The example is split into 2 Parts:
Part 1 must be completed first to create a file,
SNPs_cleaned.csv, that has been completely prepared for
analysis.
Now in Part 2, you will analyze the data with PCA. The steps here will be:
scale())prcomp())screeplot())vegan::scores())In the code below all code is provided. Your tasks will be to do 4 things:
Load the vcfR package with library()
library(vcfR) # KEY
## Warning: package 'vcfR' was built under R version 4.2.2
##
## ***** *** vcfR *** *****
## This is vcfR 1.13.0
## browseVignettes('vcfR') # Documentation
## citation('vcfR') # Citation
## ***** ***** ***** *****
library(vegan)
## Loading required package: permute
## Loading required package: lattice
## This is vegan 2.6-2
library(ggplot2)
library(ggpubr)
Set the working directory
getwd()
## [1] "C:/Users/afhar/Desktop/Comp Bio"
list.files(pattern="cleaned")
## [1] "SNPs_cleaned.csv"
Load the data
SNPs_cleaned <- read.csv(file = "SNPs_cleaned.csv")
warning("If this didn't work, its may be because you didn't set your working directory.")
## Warning: If this didn't work, its may be because you didn't set your working
## directory.
Data needs to be scaled before further analysis
SNPs_scaled <- scale(SNPs_cleaned)
Use prcomp on scaled data to run PCA
pca_scaled <- prcomp(SNPs_scaled)
Scree plots are used to see how much variation is represented by each PC. Based on the scree plot, it can be decided how many PCs to keep in ongoing analysis, with the more variation (higher bars) being kept.
screeplot(pca_scaled,
ylab = "Relative importance",
main = "Scrreplot of pca_scaled")
This screeplot shows a steep drop off of iportance after PC1, meaning the majority of variation is found in PC1.
###Analyze PC data
Summary function can also be used to extract then analyze the variation of each PC, and which to keep in further analysis.
summary_out_scaled <- summary(pca_scaled)
PCA_variation <- function(pca_summary, PCs = 2){
var_explained <- pca_summary$importance[2,1:PCs]*100
var_explained <- round(var_explained,1)
return(var_explained)
}
var_out <- PCA_variation(summary_out_scaled,PCs = 10)
var_out
## PC1 PC2 PC3 PC4 PC5 PC6 PC7 PC8 PC9 PC10
## 19.9 2.3 2.2 2.1 2.0 2.0 2.0 1.9 1.8 1.8
N_columns <- ncol(SNPs_scaled)
barplot(var_out,
main = "Percent variation Scree plot",
ylab = "Percent variation explained")
abline(h = 1/N_columns*100, col = 2, lwd = 2)
This shows how each PC’s variation compares against if each PC represented the same amount of variation. PC1 is still shown to contain the most amount of variation.

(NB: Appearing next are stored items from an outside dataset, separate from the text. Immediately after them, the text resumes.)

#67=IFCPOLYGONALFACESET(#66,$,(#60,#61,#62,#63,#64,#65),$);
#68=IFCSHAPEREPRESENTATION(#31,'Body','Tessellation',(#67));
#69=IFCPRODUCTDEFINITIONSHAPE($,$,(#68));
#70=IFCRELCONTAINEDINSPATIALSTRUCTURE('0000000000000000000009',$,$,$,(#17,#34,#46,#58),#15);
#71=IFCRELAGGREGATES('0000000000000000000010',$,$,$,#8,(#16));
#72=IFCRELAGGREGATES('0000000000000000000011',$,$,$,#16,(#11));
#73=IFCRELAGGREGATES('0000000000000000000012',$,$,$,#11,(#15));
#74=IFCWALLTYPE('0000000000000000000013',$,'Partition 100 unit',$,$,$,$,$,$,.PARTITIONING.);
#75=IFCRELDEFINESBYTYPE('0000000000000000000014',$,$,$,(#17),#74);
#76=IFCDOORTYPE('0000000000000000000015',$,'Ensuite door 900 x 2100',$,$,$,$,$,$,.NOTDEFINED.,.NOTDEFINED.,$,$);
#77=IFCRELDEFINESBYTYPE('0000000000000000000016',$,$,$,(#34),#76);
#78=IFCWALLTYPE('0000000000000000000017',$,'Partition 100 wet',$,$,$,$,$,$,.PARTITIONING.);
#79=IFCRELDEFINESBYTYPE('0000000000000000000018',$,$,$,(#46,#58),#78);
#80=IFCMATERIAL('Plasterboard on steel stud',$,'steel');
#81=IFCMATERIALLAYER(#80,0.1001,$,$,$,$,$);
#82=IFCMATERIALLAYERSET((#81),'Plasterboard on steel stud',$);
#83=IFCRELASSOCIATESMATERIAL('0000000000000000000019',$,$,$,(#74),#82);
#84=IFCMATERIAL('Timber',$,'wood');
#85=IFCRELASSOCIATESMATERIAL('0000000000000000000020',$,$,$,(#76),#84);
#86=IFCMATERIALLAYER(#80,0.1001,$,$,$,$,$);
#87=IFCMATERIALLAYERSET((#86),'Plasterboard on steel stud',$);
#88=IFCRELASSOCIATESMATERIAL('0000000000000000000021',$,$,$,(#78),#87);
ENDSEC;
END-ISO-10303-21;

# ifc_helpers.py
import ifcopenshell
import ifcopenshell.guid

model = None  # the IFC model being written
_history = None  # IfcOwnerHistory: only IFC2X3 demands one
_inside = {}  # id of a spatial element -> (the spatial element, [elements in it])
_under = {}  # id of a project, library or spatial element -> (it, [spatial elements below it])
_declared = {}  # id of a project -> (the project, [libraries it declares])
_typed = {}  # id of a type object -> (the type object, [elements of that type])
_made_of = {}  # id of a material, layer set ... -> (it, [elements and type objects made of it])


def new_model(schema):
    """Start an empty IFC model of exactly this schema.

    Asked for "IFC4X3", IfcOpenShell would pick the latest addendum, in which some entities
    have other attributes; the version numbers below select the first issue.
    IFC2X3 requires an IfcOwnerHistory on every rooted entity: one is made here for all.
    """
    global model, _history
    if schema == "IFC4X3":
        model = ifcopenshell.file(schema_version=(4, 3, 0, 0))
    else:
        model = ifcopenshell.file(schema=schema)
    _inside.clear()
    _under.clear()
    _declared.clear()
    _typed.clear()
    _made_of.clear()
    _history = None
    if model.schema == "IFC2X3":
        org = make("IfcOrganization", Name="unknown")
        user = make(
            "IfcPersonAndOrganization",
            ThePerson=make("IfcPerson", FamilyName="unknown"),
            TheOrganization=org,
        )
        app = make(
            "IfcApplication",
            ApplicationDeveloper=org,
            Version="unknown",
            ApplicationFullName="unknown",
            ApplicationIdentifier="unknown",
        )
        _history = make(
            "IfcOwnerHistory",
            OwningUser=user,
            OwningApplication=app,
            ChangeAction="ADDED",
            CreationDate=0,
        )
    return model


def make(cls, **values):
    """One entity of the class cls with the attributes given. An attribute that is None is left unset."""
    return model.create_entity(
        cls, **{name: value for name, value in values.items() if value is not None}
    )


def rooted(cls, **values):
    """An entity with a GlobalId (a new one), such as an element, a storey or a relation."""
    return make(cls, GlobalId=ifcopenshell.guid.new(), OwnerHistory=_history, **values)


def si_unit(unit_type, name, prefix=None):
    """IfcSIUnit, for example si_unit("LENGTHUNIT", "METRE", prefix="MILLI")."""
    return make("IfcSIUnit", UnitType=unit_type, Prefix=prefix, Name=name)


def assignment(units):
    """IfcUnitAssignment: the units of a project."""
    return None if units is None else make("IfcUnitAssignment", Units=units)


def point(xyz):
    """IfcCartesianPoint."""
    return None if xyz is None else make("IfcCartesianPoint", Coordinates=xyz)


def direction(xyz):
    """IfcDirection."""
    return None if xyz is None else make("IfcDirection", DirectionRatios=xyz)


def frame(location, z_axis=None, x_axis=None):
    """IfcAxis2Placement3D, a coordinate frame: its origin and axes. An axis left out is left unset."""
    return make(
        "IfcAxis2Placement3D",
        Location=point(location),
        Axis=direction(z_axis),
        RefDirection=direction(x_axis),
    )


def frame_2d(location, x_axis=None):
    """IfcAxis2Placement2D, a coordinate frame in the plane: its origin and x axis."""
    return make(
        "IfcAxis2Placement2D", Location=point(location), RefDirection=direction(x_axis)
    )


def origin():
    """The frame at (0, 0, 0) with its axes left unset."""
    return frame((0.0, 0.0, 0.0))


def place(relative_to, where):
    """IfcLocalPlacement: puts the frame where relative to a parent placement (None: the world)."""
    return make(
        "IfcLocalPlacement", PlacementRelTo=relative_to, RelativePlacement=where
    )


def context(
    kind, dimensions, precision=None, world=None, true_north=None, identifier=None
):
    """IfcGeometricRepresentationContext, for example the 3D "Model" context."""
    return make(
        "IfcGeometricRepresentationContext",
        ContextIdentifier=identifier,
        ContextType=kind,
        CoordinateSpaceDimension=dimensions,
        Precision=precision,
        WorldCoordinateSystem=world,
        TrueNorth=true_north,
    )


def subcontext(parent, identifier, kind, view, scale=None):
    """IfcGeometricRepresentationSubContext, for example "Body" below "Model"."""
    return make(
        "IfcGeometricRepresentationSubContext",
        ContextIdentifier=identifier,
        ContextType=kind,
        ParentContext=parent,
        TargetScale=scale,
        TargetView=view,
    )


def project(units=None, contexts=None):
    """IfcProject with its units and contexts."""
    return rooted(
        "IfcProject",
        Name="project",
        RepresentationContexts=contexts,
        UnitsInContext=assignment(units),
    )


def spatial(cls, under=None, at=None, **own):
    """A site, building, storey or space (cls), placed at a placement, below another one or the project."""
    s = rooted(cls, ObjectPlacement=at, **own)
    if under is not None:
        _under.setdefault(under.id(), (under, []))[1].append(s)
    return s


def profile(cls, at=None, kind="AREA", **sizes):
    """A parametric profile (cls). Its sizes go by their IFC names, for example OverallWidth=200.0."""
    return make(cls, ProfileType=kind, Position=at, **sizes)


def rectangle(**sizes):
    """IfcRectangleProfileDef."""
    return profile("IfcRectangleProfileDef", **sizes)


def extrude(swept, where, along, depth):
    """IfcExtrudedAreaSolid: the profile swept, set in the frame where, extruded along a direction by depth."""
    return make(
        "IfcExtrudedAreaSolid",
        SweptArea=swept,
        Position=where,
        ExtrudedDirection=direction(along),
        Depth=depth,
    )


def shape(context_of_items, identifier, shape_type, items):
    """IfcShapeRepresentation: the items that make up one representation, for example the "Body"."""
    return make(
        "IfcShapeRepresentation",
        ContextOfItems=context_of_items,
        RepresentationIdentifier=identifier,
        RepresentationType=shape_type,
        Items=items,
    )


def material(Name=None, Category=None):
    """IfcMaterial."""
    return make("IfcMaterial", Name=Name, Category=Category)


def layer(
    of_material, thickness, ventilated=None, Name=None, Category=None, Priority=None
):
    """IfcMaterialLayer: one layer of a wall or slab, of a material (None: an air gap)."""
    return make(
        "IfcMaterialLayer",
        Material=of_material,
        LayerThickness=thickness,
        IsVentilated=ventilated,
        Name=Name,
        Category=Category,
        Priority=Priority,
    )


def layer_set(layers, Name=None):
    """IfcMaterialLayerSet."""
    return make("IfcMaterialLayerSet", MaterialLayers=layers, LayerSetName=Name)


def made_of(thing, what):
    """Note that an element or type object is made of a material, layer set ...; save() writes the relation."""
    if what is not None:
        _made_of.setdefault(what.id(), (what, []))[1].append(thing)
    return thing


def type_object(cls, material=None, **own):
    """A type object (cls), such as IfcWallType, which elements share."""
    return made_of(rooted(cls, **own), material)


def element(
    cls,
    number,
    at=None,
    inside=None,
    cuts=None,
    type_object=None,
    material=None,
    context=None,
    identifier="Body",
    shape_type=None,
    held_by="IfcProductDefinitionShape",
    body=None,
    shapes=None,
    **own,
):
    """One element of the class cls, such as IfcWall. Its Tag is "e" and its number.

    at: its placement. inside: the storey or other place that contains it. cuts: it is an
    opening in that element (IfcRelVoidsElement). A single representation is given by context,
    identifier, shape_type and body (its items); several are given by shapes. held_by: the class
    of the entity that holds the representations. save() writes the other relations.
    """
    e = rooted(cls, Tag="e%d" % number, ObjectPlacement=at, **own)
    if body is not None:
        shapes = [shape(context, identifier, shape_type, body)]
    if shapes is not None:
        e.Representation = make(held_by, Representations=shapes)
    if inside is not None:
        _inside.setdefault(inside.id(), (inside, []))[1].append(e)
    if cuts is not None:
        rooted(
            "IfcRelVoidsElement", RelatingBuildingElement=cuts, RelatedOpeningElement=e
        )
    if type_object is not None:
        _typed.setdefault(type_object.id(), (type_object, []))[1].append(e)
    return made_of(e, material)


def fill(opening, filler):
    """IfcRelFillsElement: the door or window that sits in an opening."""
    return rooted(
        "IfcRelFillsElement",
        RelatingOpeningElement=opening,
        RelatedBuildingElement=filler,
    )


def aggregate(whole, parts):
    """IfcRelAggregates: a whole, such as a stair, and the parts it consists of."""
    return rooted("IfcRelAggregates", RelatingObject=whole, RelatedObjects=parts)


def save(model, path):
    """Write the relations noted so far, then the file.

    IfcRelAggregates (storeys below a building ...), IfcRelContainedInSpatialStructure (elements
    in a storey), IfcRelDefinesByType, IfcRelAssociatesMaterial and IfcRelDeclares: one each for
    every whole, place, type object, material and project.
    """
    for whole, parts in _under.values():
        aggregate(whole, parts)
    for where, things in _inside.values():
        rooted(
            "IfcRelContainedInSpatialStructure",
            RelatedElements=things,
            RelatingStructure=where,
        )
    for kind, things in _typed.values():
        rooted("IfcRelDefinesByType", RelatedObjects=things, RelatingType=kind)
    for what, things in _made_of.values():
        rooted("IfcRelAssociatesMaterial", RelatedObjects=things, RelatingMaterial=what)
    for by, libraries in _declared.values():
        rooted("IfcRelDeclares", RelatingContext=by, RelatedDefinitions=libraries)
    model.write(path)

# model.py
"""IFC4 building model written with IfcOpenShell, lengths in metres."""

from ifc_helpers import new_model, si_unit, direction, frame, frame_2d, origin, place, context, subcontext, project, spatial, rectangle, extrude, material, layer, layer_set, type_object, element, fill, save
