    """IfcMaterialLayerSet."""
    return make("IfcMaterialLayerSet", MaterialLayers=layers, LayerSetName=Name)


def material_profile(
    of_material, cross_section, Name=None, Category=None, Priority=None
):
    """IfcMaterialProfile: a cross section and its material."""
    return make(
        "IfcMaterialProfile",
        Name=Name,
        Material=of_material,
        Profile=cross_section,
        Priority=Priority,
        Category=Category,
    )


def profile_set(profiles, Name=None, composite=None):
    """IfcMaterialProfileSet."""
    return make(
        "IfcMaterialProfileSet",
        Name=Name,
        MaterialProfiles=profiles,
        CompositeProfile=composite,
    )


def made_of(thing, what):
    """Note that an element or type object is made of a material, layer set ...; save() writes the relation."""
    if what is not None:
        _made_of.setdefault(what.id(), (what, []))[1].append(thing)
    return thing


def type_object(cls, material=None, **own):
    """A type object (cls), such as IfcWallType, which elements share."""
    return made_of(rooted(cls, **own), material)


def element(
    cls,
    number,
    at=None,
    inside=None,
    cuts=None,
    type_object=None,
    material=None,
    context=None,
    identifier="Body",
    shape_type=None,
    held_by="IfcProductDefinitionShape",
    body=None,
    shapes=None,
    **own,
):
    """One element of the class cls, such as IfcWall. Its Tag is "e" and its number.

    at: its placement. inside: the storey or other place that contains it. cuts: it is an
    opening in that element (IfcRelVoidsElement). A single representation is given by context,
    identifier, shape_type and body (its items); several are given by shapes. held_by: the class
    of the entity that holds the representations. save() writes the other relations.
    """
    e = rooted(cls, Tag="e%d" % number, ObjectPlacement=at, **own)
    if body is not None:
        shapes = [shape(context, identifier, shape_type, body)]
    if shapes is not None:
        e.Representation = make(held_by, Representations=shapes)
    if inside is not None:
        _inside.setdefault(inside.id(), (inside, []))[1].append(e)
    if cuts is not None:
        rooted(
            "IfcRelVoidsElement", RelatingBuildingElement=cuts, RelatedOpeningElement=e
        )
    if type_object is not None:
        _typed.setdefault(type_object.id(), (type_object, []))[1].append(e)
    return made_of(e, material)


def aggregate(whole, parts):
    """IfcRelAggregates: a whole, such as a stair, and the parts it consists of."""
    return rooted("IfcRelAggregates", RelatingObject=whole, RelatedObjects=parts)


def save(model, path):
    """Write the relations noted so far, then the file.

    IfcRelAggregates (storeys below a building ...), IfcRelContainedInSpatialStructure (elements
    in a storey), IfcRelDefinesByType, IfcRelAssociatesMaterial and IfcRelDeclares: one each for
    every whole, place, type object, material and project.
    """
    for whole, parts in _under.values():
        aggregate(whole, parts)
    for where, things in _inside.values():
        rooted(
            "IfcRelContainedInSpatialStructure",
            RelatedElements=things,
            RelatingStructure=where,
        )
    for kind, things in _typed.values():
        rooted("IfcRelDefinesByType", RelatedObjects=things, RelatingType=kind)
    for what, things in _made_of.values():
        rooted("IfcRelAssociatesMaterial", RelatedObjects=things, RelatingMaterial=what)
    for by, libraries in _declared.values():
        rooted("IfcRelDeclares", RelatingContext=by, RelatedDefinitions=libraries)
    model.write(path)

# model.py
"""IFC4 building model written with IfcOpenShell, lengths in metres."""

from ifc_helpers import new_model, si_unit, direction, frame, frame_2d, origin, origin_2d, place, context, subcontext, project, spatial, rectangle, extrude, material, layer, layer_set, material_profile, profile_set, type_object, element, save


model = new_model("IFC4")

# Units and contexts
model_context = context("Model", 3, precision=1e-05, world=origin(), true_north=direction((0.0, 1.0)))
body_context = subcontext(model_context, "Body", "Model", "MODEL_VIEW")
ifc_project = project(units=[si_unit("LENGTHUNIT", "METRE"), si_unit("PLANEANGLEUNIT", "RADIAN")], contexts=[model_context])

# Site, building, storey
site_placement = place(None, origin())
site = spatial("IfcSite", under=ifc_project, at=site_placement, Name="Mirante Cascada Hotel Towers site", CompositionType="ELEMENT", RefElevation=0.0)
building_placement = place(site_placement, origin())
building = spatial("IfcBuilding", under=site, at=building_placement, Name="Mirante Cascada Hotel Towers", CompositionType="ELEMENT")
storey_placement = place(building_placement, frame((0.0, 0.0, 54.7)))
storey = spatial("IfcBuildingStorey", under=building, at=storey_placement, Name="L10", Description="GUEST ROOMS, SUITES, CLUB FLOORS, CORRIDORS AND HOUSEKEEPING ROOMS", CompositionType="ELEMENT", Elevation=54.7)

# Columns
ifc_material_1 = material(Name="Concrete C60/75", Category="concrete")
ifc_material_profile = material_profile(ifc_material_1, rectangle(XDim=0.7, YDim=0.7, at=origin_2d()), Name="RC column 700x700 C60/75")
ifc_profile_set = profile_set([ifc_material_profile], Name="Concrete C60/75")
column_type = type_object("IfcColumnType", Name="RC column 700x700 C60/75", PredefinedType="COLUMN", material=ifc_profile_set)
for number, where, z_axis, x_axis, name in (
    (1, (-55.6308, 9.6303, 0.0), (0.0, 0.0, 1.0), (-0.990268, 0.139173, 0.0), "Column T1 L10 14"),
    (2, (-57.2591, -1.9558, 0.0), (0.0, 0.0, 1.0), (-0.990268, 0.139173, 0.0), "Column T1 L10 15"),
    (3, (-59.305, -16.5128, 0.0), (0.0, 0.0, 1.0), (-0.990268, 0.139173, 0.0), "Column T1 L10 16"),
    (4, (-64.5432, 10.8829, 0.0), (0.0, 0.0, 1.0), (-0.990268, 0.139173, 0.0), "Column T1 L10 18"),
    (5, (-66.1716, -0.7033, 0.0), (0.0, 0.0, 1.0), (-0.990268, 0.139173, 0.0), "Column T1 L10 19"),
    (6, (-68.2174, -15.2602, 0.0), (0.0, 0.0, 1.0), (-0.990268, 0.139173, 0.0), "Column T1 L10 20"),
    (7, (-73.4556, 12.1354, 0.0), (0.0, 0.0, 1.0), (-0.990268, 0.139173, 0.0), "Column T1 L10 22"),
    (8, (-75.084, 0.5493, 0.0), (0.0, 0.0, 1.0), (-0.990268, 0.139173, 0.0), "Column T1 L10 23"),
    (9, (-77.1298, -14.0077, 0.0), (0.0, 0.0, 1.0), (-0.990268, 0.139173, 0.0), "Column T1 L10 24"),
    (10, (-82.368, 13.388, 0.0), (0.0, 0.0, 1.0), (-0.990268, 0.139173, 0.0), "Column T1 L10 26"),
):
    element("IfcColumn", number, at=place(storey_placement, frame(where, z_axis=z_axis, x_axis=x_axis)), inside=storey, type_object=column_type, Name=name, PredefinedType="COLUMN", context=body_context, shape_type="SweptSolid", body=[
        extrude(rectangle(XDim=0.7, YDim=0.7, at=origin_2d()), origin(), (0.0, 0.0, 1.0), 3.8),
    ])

Biplots are often used to compare vectors to PCs to show how data is correlated, or not correlated to each other
biplot(pca_scaled)
SNP data does not use biplot as a visual interpretation of the data because of the sheer amount of data being analyzed. It ends up becoming a huge undecipherable mess of numbers and arrows that do not help with analysis.
Character data was previously removed to complete PCA analysis, but it can now be put back.
pca_scores <- vegan::scores(pca_scaled)
Creating a vector with character data allows for it to be re-attached to data
pop_id <- c("Nel","Nel","Nel","Nel","Nel","Nel","Nel","Nel",
"Nel", "Nel", "Nel", "Nel", "Nel", "Nel", "Nel", "Alt",
"Alt", "Alt", "Alt", "Alt", "Alt", "Alt", "Alt", "Alt",
"Alt", "Alt", "Alt", "Alt", "Alt", "Alt", "Sub", "Sub",
"Sub", "Sub", "Sub", "Sub", "Sub", "Sub", "Sub", "Sub",
"Sub", "Cau", "Cau", "Cau", "Cau", "Cau", "Cau", "Cau",
"Cau", "Cau", "Cau", "Cau", "Cau", "Div", "Div", "Div",
"Div", "Div", "Div", "Div", "Div", "Div", "Div", "Div",
"Div", "Div", "Div", "Div")
A new dataframe is created holding the names and PCA scores of the data together.
pca_scores2 <- data.frame(pop_id,
pca_scores)
A final scatterplot of data is created to allow interpretation of data collected and processed.
ggpubr::ggscatter(data = pca_scores2,
y = "PC2",
x = "PC1",
color = "pop_id",
shape = "pop_id",
xlab = "PC1 (19.9% variation)",
ylab = "PC2 (2.3% variation)",
main = "PCA Analysis of Data")
This final scatterplot shows how each type of bird data was collected from compares to the other types. Ellipses can be added to show groupings within the data.